Bagi mereka yang memiliki dana berlebih, hal ini tidaklah men­ce­maskan, karena saat ini sudah banyak biro perjalanan yang me­nyiapkan haji non kuota atau de­wasa ini lebih dikenal dengan haji furoda yang menelan biaya sampai lebih 200 juta rupiah. Biro perjala­nan yang dipercaya dapat mengu­rus visa furoda ini langsung ke otoritas kerajaan Arab Saudi dan calon jama’ah haji yang berminat dapat langsung berangkat. Sistem ini tidak berhubungan secara resmi dengan pemerintah Indonesia dan jamaah yang diberangkatkan ke tanah suci juga tidak mengambil jatah kuota yang diberikan untuk Indonesia.

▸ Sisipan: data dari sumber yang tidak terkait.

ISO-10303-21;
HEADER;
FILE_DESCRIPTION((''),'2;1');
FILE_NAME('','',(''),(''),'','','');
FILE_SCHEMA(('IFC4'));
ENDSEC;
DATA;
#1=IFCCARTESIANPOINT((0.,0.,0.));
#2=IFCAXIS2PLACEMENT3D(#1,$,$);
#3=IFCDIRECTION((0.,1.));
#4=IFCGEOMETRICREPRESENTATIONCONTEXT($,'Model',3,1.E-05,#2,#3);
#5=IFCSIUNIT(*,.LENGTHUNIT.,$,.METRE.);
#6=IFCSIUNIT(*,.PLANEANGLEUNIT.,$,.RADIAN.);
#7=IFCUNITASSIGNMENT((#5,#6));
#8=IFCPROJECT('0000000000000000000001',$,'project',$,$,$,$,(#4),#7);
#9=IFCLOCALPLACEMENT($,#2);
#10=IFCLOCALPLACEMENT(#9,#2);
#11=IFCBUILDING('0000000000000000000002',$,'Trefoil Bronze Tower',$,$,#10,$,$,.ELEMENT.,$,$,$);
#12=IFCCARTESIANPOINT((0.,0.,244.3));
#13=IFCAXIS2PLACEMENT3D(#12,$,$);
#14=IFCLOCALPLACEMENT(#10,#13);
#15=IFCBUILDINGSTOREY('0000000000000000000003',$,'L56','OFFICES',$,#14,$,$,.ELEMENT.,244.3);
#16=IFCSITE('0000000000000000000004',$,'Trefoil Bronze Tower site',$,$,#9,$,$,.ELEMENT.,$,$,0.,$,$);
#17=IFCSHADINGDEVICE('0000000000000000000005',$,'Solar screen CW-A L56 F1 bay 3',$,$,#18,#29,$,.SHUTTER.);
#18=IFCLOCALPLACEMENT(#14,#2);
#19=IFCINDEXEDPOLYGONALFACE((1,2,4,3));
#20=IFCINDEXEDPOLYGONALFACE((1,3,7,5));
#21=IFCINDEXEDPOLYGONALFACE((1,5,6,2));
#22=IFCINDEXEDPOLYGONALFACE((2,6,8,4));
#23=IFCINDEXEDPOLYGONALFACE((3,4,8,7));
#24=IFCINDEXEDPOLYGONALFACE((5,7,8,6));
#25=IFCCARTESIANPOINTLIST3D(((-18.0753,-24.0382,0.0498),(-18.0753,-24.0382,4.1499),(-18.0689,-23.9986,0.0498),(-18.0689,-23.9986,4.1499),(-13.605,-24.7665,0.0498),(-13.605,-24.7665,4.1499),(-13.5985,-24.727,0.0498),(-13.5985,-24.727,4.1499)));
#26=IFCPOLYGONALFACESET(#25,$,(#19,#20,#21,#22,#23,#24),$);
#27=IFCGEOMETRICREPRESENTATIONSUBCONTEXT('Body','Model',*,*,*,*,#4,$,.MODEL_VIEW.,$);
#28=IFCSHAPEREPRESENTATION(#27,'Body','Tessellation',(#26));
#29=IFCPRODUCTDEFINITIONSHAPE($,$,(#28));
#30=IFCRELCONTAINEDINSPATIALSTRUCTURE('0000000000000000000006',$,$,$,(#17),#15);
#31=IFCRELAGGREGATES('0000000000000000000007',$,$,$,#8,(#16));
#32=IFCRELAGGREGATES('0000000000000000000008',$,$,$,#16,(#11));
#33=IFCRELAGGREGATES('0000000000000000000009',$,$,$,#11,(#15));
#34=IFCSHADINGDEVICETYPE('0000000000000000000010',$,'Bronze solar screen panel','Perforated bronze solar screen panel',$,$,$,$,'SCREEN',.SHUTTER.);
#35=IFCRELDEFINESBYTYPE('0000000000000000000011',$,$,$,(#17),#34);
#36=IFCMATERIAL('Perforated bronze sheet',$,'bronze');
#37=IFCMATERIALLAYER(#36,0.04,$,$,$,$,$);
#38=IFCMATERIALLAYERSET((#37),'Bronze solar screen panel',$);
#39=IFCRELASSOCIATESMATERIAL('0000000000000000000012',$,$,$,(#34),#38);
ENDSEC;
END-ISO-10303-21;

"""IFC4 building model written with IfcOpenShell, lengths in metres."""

from ifc_helpers import new_model, si_unit, direction, frame, origin, origin_2d, place, context, subcontext, project, spatial, rectangle, extrude, material, layer, layer_set, type_object, element, save


model = new_model("IFC4")

# Units and contexts
model_context = context("Model", 3, precision=1e-05, world=origin(), true_north=direction((0.0, 1.0)))
body_context = subcontext(model_context, "Body", "Model", "MODEL_VIEW")
ifc_project = project(units=[si_unit("LENGTHUNIT", "METRE"), si_unit("PLANEANGLEUNIT", "RADIAN")], contexts=[model_context])

# Site, building, storey
site_placement = place(None, origin())
site = spatial("IfcSite", under=ifc_project, at=site_placement, Name="Trefoil Bronze Tower site", CompositionType="ELEMENT", RefElevation=0.0)
building_placement = place(site_placement, origin())
building = spatial("IfcBuilding", under=site, at=building_placement, Name="Trefoil Bronze Tower", CompositionType="ELEMENT")
storey_placement = place(building_placement, frame((0.0, 0.0, 244.3)))
storey = spatial("IfcBuildingStorey", under=building, at=storey_placement, Name="L56", Description="OFFICES", CompositionType="ELEMENT", Elevation=244.3)

# Shading device
ifc_material_1 = material(Name="Perforated bronze sheet", Category="bronze")
ifc_layer_1 = layer(ifc_material_1, 0.04)
ifc_layer_set_1 = layer_set([ifc_layer_1], Name="Bronze solar screen panel")
shading_device_type = type_object("IfcShadingDeviceType", Name="Bronze solar screen panel", Description="Perforated bronze solar screen panel", ElementType="SCREEN", PredefinedType="SHUTTER", material=ifc_layer_set_1)
shading_device_1_placement = place(storey_placement, frame((-15.8369, -24.3826, 0.0498), z_axis=(0.0, 0.0, 1.0), x_axis=(0.986987, -0.160803, 0.0)))
element("IfcShadingDevice", 1, at=shading_device_1_placement, inside=storey, type_object=shading_device_type, Name="Solar screen CW-A L56 F1 bay 3", PredefinedType="SHUTTER", context=body_context, shape_type="SweptSolid", body=[
    extrude(rectangle(XDim=4.5293, YDim=0.04, at=origin_2d()), origin(), (0.0, 0.0, 1.0), 4.1001),
])

save(model, "model.ifc")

Karena lamanya antrian haji regular dan mahalnya biaya haji furoda, banyak calon haji yang tidak sabar dan beralih ke ibadah umroh. Sebagian besar ummat Islam tidak lagi berfikir untuk berhaji dengan alasan usia yang sudah tua, harus menunggu waktu yang lama juga karena alasan kondisi kesehatan mereka. Mereka tidak sadar bahwa dengan umroh saja tidaklah bisa melepaskan kewajiban berhaji.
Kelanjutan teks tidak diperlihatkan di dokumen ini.